Note there are many other ways to install CUDA and OpenCL, I’m trusting the Google one. Also there’s a cuda-9-0 out now but I am following the guide instead.
- Enable persistence mode on the GPU. I have no idea what this means; isn’t it delightfully arcane?
# nvidia-smi -pm 1
Enabled persistence mode for GPU 00000000:00:04.0.
- Verify we now have GPUs
clinfo: /usr/local/cuda-8.0/targets/x86_64-linux/lib/libOpenCL.so.1: no version information available (required by clinfo)
Number of platforms 1
Platform Name NVIDIA CUDA
Platform Vendor NVIDIA Corporation
Platform Version OpenCL 1.2 CUDA 9.0.194
- Further optimize the GPU settings based on Google docs.
# sudo nvidia-smi -ac 2505,875
Applications clocks set to “(MEM 2505, SM 875)” for GPU 00000000:00:04.0
# nvidia-smi –auto-boost-default=DISABLED
Compiling and running Leela Zero
- Install a bunch of libraries. Took about a minute, 500 MB.
- Compile leelaz.
- Run leelaz. It shows you an empty Go board.
- At this point you’re supposed to hook up a fancy graphical Go client. But screw that, we’re hacking.
play black D3
Here’s a sample output from one move
- Compile autogtp
- Copy the leelaz binary into the autogtp directory
- Run autogtp. Here’s a sample output
I didn’t benchmark carefully but I put this here because it’s most likely to be of general interest. Run times are highly variable; my first game on Google Cloud took 720 seconds for 270 moves, my second game lasted 512 moves (!) and took 1028 seconds. So comparing time / game for just a few games is not useful. Perhaps the ms/move numbers are comparable or at least useful for finding optimal work settings, but even they seem highly variable in ways I can’t understand. Benchmarking this for real would take a more serious effort.
- Google Compute. 1 vCPU, K80 CPU.
1 thread: 63% GPU utilization, 800 seconds / game, 2650 ms / move
2 threads: 69% GPU utilization, 1200 s/game, 2500 ms/move.
4 threads: 80% GPU utilization, 1113 s/game, 2110 ms/move
10 threads: 57% GPU utilization, ?
- Windows desktop. i7-7700K (4 cores), GTX 1080 GPU
1 thread: 612 s/game, 1700 ms/move, 30% GPU
2 thread: 389 s/game, 1120 ms/move
3 threads: 260 s/game, 740 ms / move. 70% GPU
4 threads: 286 s/game, 701 ms / move. 84% GPU
5 threads: 291 s/game, 750 ms / move
8 threads: 400 s/game, 740 ms / move, 80% GPU
Bottom line, I’d say the Google Compute systems are roughly 800 seconds / game, or 5 games an hour. That pencils out to about $0.10 a game. My Windows box with better hardware is about 3-4 times faster. I’m guessing it uses about 200W (didn’t measure), which is about $0.08 / hour or < $0.01 / game in electricity costs.

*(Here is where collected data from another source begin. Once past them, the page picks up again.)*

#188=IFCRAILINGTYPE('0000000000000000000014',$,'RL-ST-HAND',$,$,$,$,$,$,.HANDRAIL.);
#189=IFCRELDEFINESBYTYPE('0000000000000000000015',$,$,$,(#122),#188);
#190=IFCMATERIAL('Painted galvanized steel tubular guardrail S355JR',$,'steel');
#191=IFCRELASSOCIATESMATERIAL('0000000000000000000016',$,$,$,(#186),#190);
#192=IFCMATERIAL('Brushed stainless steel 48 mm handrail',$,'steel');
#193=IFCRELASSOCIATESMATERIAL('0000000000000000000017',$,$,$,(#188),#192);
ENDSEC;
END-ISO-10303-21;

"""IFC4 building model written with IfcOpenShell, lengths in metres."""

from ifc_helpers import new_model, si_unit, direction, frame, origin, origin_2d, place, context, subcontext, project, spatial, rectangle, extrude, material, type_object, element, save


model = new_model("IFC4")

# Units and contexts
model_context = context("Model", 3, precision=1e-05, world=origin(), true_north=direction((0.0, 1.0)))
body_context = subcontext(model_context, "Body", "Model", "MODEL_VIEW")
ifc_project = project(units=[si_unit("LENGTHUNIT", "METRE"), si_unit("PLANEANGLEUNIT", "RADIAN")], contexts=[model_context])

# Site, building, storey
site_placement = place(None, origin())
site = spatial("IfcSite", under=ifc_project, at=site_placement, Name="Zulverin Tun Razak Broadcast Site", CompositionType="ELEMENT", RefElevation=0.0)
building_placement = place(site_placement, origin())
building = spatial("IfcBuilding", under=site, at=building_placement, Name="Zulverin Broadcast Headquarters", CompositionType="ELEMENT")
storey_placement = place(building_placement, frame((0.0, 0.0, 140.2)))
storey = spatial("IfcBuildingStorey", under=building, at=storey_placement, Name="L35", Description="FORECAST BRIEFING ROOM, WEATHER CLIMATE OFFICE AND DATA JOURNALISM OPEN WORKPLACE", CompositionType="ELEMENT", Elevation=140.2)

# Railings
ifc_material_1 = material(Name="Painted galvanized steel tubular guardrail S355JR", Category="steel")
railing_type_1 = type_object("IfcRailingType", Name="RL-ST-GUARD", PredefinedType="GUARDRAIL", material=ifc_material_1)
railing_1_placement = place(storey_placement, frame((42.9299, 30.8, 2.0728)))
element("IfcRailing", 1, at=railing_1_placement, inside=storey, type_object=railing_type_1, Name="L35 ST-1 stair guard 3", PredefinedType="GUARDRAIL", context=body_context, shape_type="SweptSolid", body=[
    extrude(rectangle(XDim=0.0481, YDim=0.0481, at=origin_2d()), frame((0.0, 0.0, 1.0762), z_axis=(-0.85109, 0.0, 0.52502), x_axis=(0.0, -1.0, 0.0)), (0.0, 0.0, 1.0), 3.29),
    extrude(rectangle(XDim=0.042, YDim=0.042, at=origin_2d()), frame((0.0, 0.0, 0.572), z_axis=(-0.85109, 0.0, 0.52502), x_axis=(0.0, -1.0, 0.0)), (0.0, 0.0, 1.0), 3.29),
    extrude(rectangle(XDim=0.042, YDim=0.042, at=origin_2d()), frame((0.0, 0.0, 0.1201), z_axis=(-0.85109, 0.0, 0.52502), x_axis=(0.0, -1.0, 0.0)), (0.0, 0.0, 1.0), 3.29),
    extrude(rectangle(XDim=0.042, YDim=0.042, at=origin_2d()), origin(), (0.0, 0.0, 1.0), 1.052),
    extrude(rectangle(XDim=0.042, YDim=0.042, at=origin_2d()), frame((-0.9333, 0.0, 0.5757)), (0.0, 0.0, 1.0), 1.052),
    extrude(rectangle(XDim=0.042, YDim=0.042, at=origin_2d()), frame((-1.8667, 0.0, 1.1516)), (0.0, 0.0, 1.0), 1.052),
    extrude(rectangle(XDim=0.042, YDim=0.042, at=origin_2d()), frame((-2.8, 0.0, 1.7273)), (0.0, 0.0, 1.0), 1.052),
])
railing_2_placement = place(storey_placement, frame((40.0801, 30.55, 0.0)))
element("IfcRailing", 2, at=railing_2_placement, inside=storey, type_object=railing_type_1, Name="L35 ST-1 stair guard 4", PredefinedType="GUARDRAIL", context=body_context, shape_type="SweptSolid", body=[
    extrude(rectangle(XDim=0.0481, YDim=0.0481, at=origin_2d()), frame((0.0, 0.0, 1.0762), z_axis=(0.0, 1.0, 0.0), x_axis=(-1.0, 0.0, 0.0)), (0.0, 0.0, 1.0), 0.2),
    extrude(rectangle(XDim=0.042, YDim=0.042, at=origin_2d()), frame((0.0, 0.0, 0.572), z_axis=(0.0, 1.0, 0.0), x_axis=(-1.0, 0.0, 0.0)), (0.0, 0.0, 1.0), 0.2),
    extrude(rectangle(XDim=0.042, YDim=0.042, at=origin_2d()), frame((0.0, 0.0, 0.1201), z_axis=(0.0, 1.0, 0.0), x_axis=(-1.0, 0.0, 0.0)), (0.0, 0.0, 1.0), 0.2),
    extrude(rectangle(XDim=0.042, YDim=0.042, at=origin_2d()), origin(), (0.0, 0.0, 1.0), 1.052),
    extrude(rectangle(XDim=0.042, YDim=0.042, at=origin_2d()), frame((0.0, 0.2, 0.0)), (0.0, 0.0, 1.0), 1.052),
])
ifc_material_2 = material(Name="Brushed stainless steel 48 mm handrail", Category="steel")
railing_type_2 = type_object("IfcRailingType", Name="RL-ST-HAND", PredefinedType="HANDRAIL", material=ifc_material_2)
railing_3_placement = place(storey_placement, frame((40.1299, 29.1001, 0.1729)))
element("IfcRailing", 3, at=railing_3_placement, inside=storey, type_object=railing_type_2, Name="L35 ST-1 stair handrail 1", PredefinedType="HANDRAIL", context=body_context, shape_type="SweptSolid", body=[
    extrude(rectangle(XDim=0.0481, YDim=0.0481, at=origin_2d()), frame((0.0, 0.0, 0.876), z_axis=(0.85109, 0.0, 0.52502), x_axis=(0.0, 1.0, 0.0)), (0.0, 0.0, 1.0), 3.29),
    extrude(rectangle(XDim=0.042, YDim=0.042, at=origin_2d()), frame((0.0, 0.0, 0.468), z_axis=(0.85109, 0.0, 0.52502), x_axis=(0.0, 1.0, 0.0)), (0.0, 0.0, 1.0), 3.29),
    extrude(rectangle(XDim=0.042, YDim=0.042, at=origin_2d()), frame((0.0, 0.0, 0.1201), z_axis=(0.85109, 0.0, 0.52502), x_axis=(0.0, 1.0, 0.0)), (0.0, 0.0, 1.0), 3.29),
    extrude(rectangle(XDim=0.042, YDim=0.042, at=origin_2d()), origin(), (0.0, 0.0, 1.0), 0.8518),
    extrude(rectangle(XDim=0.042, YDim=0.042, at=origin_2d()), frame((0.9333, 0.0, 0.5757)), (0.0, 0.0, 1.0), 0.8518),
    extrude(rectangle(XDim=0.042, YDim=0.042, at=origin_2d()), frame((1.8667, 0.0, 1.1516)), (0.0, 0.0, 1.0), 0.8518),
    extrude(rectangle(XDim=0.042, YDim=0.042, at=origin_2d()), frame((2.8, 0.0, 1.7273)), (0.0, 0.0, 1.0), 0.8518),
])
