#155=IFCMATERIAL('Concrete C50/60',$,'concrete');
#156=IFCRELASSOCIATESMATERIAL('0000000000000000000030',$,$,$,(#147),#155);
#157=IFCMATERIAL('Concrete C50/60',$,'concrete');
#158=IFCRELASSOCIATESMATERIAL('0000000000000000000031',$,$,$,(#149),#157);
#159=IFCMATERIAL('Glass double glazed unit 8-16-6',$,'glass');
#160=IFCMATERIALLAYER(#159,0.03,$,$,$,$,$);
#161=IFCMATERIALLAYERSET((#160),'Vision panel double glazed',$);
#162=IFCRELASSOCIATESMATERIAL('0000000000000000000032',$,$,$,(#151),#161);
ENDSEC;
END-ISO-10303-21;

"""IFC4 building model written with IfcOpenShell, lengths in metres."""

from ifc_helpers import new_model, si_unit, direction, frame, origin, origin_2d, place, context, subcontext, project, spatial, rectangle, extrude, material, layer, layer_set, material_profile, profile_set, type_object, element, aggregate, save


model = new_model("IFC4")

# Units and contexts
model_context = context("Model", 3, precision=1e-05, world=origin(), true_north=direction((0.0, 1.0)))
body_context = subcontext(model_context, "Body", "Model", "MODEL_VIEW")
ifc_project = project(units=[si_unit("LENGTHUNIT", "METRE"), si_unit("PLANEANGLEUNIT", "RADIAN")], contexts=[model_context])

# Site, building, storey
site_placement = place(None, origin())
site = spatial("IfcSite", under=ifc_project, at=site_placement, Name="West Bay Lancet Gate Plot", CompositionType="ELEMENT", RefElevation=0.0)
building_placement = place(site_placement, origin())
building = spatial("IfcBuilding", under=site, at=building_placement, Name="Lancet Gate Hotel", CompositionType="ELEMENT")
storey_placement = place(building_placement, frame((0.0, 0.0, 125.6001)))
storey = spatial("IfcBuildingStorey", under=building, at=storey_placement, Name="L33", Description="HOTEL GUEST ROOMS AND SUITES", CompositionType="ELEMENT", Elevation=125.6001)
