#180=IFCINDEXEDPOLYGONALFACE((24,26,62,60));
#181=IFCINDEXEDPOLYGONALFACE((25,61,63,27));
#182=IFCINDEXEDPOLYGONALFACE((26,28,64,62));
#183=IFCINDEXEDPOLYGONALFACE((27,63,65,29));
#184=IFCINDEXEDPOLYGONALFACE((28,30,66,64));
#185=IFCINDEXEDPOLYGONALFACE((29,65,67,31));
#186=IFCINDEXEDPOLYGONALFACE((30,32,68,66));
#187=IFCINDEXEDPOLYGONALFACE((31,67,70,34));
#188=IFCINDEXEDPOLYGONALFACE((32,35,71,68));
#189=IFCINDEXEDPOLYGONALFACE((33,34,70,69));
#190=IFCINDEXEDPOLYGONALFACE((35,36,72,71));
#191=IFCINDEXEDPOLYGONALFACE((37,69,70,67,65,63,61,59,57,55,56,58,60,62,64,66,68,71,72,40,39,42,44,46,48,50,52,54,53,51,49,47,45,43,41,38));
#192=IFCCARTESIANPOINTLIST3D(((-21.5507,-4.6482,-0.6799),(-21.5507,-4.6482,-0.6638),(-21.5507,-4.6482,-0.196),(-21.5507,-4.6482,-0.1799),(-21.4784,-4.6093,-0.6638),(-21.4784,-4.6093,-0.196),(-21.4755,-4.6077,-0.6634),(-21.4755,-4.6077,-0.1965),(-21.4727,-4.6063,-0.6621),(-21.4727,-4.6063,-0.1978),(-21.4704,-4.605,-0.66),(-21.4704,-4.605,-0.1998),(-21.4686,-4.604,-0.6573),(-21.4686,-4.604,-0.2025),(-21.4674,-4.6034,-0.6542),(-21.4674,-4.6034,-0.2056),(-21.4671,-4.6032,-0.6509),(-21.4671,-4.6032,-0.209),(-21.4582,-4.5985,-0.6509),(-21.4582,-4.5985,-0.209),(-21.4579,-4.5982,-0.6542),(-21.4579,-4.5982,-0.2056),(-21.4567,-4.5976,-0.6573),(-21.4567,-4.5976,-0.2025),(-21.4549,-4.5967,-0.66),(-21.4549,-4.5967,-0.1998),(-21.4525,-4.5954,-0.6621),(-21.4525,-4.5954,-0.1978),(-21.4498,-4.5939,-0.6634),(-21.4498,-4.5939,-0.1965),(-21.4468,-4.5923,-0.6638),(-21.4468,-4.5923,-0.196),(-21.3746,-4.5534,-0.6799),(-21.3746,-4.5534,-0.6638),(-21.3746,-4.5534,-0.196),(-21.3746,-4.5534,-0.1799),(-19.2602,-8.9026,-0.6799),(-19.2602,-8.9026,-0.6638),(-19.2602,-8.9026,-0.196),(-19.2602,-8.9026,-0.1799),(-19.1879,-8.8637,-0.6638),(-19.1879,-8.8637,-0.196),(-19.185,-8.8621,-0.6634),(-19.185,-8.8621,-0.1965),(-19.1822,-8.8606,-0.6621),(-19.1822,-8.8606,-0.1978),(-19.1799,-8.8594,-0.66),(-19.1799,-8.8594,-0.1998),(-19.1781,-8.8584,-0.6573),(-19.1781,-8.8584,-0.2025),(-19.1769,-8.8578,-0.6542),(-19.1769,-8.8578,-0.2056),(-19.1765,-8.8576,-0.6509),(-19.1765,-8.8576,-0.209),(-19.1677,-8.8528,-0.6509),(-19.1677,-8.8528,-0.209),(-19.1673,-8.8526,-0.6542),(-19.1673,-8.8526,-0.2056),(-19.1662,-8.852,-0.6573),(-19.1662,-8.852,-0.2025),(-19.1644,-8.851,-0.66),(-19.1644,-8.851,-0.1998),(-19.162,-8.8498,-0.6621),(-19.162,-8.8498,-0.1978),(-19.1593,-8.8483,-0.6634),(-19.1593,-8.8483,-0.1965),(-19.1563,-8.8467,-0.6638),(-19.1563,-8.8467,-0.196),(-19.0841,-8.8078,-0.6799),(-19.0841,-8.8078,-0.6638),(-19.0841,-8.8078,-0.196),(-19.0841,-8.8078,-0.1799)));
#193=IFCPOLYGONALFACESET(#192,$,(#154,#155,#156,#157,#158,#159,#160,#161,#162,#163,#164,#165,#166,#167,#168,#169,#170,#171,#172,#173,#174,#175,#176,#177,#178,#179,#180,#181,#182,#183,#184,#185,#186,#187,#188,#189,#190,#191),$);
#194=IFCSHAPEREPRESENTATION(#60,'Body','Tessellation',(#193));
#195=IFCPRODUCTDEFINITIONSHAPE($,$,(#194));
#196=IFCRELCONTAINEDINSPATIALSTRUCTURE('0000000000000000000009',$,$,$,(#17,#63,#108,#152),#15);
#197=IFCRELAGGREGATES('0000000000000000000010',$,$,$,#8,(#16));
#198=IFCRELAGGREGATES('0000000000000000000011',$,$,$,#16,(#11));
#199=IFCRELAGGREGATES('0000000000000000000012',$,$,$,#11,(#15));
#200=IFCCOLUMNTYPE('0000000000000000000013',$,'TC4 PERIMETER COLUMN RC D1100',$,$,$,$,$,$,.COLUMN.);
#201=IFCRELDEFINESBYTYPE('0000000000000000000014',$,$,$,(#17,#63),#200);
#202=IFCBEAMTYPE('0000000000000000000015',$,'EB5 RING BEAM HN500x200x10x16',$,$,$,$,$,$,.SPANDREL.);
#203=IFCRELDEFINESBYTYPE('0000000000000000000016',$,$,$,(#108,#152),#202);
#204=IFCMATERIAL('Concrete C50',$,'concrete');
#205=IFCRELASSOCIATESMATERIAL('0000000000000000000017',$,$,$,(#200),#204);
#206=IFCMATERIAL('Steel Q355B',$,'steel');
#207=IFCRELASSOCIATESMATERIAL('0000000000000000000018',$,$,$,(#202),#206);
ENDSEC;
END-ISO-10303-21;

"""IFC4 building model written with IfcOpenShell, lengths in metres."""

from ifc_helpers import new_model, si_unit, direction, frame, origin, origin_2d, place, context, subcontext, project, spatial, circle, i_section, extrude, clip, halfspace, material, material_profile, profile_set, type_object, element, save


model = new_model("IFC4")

I’m confused about the performance numbers. I think those are normalized by number of simultaneous games (the -g parameter), so lower numbers are always better. The seconds/game number is highly volatile though since game length varies so much. I guess the ms/move parameter goes down on the Linux box with more threads because we use more of the GPU? But why not the same pattern on Windows? FWIW the program author has noted Windows performance is not great.
Leelaz seems to only use 63MiB of GPU memory, so a very low RAM graphics card is probably fine.
One last thing: I’ve been running the Windows .exe binary under Windows Services for Linux. 4 threads in this environment is 710 ms / move. 4 threads in a DOS window is 777 ms / move. Not sure it’s significant, but seemed worth noting.